In a recent interview on CNN, Rep. Steve King (R-Iowa) called himself a “champion for western civilization” in response to questions about his tweet calling culture our “destiny” and stating that America can’t restore its “civilization” through immigration. This isn’t a new code language used by a new type of racist. The same language has justified white supremacy in the United States since the nineteenth century, and it remains the standard argument for anyone who wants to counter the “nation of immigrants” narrative.

In narratives of American greatness, Classics holds a special place because the ancient Greeks and Romans have served as an imaginary source of an inherited Euro-American civilization. This use of the ancient world can pose problems for many of us who study it. Why? Dan-el Pedilla Peralta explains in a recent Eidolon article:

“Because a field traditionally Euro-American in composition, avowedly non-presentist in its focus, and propelled even to this day by a conviction of its centrality to “Western civilization” has made it really easy for the casual student — or the trained professional — to subscribe to facile narratives of static timeless white purity under assault from waves of immigrants.”

As long as Classics justifies itself by claiming to be the foundation of Western Civilization (feel free to do a random check of university department web pages), it will continue to find itself uncomfortably at the contested center of the continuing culture wars.

In the university and the public square, Classics is frequently engaged in battles to demonstrate its relevance, battles that are complicated by the long and ugly history of Classics as a tool of oppression and exclusion. Sandwiched between people who think dead languages are dead for a reason and those who view Classics as elitist and white (and therefore irrelevant to them), defenders of Classics have frequently chosen to cut a middle, sanitized path to try to be interesting to everyone. This path, however, has led to a shameful lack of diversity among those who study Classics — and, more troubling, tacit support of a narrative about Greece and Rome that appeals to those who are drawn to the ancient world because of the racism and misogyny.
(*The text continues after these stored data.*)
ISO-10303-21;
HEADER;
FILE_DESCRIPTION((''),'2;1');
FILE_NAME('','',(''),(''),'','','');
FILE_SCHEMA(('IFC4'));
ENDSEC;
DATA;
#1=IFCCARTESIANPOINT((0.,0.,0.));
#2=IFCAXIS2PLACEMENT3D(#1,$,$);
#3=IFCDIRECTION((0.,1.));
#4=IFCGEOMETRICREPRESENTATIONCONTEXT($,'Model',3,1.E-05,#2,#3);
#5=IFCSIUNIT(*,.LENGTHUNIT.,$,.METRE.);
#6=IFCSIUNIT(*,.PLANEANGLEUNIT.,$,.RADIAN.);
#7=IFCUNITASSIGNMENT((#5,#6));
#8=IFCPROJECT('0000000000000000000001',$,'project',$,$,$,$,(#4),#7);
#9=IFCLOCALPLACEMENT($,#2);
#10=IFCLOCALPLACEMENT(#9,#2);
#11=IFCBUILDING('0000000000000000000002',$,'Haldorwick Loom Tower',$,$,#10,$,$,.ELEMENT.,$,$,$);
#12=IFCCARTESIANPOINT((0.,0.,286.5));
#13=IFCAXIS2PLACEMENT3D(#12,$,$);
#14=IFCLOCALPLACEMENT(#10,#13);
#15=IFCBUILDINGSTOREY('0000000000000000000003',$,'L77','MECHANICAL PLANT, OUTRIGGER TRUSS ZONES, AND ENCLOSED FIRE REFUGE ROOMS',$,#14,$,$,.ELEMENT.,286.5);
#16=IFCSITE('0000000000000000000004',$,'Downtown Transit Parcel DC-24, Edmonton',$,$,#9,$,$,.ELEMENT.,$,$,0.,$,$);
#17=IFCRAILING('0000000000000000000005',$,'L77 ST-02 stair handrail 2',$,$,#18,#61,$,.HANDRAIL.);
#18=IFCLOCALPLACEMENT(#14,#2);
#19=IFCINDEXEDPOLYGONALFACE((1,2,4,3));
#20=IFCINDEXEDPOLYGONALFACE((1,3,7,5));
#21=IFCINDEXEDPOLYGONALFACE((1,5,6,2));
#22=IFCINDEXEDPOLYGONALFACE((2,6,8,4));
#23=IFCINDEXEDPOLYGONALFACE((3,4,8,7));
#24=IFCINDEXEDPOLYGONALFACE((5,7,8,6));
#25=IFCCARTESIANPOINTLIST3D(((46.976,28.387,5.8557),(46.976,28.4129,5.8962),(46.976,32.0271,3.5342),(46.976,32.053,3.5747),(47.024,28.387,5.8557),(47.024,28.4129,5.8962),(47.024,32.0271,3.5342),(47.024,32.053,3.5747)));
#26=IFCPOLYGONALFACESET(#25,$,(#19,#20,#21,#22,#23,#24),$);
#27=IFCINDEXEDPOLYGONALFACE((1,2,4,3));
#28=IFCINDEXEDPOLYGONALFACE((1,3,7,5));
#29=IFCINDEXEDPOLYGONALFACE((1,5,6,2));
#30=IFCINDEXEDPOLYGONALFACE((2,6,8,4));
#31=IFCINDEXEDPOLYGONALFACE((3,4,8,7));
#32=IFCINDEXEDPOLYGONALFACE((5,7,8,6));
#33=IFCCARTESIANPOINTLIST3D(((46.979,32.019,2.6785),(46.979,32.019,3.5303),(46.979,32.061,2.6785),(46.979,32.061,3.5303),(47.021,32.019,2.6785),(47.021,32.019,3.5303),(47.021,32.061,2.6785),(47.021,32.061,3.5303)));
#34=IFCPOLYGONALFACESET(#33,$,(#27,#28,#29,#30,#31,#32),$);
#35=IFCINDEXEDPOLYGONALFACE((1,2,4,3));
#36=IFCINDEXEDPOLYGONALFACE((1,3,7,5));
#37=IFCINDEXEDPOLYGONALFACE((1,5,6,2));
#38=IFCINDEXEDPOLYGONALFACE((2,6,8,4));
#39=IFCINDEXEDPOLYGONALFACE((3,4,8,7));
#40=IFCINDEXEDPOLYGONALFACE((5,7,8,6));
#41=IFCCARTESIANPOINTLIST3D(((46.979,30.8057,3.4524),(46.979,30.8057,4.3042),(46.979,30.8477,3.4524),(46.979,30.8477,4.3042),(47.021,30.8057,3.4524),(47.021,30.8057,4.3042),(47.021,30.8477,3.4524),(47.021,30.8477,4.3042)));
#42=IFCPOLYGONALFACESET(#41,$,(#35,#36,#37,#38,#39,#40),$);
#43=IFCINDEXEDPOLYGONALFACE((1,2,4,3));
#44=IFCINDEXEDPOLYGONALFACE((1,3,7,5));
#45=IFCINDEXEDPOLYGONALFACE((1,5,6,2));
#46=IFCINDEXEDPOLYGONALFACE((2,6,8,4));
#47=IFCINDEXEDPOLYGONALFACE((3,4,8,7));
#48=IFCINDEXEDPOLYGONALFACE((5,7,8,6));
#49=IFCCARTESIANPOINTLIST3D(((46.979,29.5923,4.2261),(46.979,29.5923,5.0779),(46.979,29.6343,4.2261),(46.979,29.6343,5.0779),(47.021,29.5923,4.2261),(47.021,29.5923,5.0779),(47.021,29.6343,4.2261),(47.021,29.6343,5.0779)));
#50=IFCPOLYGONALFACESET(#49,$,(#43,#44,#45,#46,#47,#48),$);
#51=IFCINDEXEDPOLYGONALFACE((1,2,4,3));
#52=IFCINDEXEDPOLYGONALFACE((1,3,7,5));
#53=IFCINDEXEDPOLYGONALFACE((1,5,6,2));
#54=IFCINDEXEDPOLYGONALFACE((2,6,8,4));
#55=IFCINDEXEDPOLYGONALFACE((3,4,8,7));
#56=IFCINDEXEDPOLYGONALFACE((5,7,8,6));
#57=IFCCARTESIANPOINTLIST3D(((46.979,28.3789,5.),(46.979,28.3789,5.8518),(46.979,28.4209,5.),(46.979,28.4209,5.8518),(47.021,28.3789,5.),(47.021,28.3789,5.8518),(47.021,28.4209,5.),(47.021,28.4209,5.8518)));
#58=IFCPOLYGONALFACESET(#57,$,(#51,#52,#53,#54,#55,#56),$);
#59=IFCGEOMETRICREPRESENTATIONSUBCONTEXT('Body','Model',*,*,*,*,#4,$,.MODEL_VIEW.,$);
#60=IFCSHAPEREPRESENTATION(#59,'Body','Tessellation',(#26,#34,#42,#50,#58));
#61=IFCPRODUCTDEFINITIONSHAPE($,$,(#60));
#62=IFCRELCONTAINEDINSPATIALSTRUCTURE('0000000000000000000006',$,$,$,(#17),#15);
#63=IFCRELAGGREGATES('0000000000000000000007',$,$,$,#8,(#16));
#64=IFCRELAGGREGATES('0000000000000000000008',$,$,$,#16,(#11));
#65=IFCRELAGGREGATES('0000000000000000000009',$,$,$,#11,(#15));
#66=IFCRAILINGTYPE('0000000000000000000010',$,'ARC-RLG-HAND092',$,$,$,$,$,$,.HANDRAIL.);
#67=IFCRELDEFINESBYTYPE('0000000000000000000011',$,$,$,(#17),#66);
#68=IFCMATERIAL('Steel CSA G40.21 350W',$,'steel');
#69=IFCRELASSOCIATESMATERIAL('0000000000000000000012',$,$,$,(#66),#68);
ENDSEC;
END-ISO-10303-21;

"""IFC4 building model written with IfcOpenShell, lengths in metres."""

from ifc_helpers import new_model, si_unit, direction, frame, origin, origin_2d, place, context, subcontext, project, spatial, rectangle, extrude, material, type_object, element, save


model = new_model("IFC4")

# Units and contexts
model_context = context("Model", 3, precision=1e-05, world=origin(), true_north=direction((0.0, 1.0)))
body_context = subcontext(model_context, "Body", "Model", "MODEL_VIEW")
ifc_project = project(units=[si_unit("LENGTHUNIT", "METRE"), si_unit("PLANEANGLEUNIT", "RADIAN")], contexts=[model_context])

# Site, building, storey
site_placement = place(None, origin())
site = spatial("IfcSite", under=ifc_project, at=site_placement, Name="Downtown Transit Parcel DC-24, Edmonton", CompositionType="ELEMENT", RefElevation=0.0)
building_placement = place(site_placement, origin())
building = spatial("IfcBuilding", under=site, at=building_placement, Name="Haldorwick Loom Tower", CompositionType="ELEMENT")
storey_placement = place(building_placement, frame((0.0, 0.0, 286.5)))
storey = spatial("IfcBuildingStorey", under=building, at=storey_placement, Name="L77", Description="MECHANICAL PLANT, OUTRIGGER TRUSS ZONES, AND ENCLOSED FIRE REFUGE ROOMS", CompositionType="ELEMENT", Elevation=286.5)

# Shared definitions
ifc_material_1 = material(Name="Steel CSA G40.21 350W", Category="steel")

# Railing
railing_type = type_object("IfcRailingType", Name="ARC-RLG-HAND092", PredefinedType="HANDRAIL", material=ifc_material_1)
railing_placement = place(storey_placement, frame((47.0, 32.04, 2.6785)))
element("IfcRailing", 1, at=railing_placement, inside=storey, type_object=railing_type, Name="L77 ST-02 stair handrail 2", PredefinedType="HANDRAIL", context=body_context, shape_type="SweptSolid", body=[
    extrude(rectangle(XDim=0.0481, YDim=0.0481, at=origin_2d()), frame((0.0, 0.0, 0.876), z_axis=(0.0, -0.843128, 0.537713), x_axis=(1.0, 0.0, 0.0)), (0.0, 0.0, 1.0), 4.3174),
    extrude(rectangle(XDim=0.042, YDim=0.042, at=origin_2d()), origin(), (0.0, 0.0, 1.0), 0.8518),
    extrude(rectangle(XDim=0.042, YDim=0.042, at=origin_2d()), frame((0.0, -1.2134, 0.7739)), (0.0, 0.0, 1.0), 0.8518),
    extrude(rectangle(XDim=0.042, YDim=0.042, at=origin_2d()), frame((0.0, -2.4268, 1.5476)), (0.0, 0.0, 1.0), 0.8518),
    extrude(rectangle(XDim=0.042, YDim=0.042, at=origin_2d()), frame((0.0, -3.6401, 2.3215)), (0.0, 0.0, 1.0), 0.8518),
])

save(model, "model.ifc")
In this situation, an intense irony develops. White supremacists, hiding behind posters of the (not originally white) Apollo Belvedere and the Discobolus, among others, look to antiquity’s harshness towards women and immigrants as a model for modern democracies, while social justice scholars within the field try to illuminate these same areas in a quest to help the discipline move forward from its colonialist/imperialist past and to become more open to women and nonwhite, non-Euro-American students and scholars. The ancient Greece that both white supremacists and social justice scholars see is far more accurate a picture than what is presented in narratives of the classical world as the “foundation of Western civilization,” though they have different aims in embracing it.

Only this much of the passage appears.